TRIzol (Takara Bio Inc., Shiga, Japan) was used for RNA extraction and the specific steps involved are described in the instruction manual. Nine random primers and AMV reverse transcriptase (Takara Bio, Inc.) were used for cDNA synthesis. The total reaction volume was 10 μl, with reverse transcription reaction conditions consisting of: 30°C, 10 min; 42°C, 25 min; 99°C, 5 min; and 5°C, 5 min for 1 cycle. The total volume for the PCR was 40 μl, with the following reaction conditions: 94°C, 2 min for 1 cycle and 94°C, 30 sec; 58°C, 30 sec; and 72°C, 2 min for 30 cycles. The PCR conditions used were: 94°C, 2 min for 1 cycle, 94°C, 30 sec; 60°C, 30 sec; 72°C, 2 min, for a total of 30 cycles. Primer sequences used were: SFRP1, forward: 5′-TCTACACCAAGCCACCTCAG-3′; and reverse: 5′-CAGTCACCCCATTCTTCAGG-3′; and for the GADPH gene, forward: 5′-GGGAAACTGTGGCGTGAT-3′; and reverse: 5′-AAAGGTGGAGGAGTGGGT-3′.

Western blotting

Lysis buffer (50 mmol/l Tris-HCl, 100 mmol/l DTT, 2% SDS, 0.1% bromophenol blue and 10% glycerol) was used for cell lysis, protein sample collection and SDS-PAGE gel electrophoresis. SFRP1 (Santa Cruz Biotechnology, Inc., Santa Cruz, CA, USA) polyclonal antibodies and horseradish peroxidase-conjugated rabbit anti-goat antibodies (Santa Cruz Biotechnology, Inc.) were diluted at 1:1000. β-actin (Santa Cruz Biotechnology, Inc.) was used as the loading control.

Statistical analysis

The extent of methylation in bladder cancer tissue and tumor-adjacent tissue was compared using χ2 tests. mRNA expression (gray value) was compared using Student’s t-tests. P<0.05 was considered to indicate a statistically significant result. SPSS 11.5 software (Chicago, IL, USA) was used for statistical analysis.

Results

Methylation and abnormal expression of the SFRP1 gene in bladder cancer and normal tumor-adjacent tissue

Through methylation-specific PCR, we determined the methylation status of SFRP1 in 45 cases of bladder cancer and their corresponding normal tumor-adjacent tissues. Of the 45 patients with bladder cancer, methylation of SFRP1 was detected in 28 tumor samples (62.2%).
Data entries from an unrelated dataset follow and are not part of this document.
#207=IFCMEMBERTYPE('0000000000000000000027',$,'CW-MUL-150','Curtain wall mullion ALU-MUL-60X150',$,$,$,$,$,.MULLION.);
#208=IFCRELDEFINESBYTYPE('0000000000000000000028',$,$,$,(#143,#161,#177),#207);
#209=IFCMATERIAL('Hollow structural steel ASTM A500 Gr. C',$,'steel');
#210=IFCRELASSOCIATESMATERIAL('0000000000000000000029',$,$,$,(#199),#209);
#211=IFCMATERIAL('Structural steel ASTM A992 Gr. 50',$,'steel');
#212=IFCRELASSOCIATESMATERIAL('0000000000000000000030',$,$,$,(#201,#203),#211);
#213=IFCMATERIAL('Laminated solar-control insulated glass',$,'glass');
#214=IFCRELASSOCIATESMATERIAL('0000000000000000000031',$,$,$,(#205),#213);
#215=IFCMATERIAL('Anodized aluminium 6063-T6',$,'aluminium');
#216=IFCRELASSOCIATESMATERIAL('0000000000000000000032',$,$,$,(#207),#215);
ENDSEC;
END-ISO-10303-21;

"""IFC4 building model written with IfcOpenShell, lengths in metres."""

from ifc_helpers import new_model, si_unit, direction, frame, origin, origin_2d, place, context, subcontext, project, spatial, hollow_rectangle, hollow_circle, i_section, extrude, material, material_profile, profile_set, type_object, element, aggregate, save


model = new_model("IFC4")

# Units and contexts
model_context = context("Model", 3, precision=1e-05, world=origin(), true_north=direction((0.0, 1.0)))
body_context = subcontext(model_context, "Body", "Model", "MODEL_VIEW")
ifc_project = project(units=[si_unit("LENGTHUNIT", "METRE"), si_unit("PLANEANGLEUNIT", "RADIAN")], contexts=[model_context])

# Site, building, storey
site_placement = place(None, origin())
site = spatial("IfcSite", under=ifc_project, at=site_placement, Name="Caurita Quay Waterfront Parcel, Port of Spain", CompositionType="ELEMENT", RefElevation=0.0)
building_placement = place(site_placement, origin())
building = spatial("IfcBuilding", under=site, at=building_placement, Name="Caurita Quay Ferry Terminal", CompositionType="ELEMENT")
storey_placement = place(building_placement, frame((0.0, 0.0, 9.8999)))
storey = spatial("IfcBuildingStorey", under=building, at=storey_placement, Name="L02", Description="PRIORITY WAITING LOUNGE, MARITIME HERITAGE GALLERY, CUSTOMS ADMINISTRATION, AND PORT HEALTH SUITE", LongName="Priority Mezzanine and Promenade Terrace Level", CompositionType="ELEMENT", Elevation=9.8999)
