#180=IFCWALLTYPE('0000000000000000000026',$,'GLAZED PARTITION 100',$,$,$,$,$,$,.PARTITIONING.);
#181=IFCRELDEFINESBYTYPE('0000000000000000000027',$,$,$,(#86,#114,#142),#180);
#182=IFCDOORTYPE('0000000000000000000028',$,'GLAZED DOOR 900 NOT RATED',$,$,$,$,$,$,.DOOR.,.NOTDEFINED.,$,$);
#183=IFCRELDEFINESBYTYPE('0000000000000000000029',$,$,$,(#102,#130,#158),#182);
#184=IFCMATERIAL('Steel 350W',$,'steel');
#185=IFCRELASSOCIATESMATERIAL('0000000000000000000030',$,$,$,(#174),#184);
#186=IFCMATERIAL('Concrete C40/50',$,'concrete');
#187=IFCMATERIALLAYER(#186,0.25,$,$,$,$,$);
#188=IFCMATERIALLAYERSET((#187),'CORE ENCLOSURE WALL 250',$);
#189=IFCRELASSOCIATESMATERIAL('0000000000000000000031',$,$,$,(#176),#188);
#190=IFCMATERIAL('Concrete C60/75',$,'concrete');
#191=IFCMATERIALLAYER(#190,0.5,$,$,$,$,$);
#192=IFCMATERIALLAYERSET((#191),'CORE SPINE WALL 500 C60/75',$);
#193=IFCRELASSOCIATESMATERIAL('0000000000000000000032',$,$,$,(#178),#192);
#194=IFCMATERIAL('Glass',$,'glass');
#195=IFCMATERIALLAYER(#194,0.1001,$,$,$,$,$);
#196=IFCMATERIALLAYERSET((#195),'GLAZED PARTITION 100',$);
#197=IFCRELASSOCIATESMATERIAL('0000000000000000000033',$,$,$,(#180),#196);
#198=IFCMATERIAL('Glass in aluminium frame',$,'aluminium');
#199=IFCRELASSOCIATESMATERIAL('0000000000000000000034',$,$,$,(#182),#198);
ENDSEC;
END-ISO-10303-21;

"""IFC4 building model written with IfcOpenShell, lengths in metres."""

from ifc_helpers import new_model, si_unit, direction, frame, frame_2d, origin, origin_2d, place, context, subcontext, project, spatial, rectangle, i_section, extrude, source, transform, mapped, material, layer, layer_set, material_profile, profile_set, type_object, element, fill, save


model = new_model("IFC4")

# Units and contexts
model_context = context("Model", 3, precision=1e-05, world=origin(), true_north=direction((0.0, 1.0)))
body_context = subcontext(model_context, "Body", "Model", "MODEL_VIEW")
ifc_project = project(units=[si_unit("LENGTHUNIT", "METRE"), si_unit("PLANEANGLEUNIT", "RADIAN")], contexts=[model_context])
In the corresponding normal tumor-adjacent tissues, SFRP1 was methylated in only 6 cases (13.3%). The frequency of SFRP1 methylation in bladder cancer tissues was significantly higher than that in the adjacent tissues (P<0.01, χ2=22.88, Fig. 1, Table I).

Figure 1.

Figure 1

Methylation status of the SFRP1 gene in representative (Nos. 1–5) bladder cancer specimens and normal tumor-adjacent tissues. M, methylated; U, unmethylated; N, normal tumor-adjacent tissues; T, tumor tissue. SFRP1 was methylated in 5 bladder cancer tissues, Nos. 1–5, but was unmethylated in the corresponding normal tumor-adjacent tissues. SFRP1, secreted Frizzled-related protein 1.

Table I.

Methylation status of the SFRP1 gene in bladder cancer and normal tumor-adjacent tissues.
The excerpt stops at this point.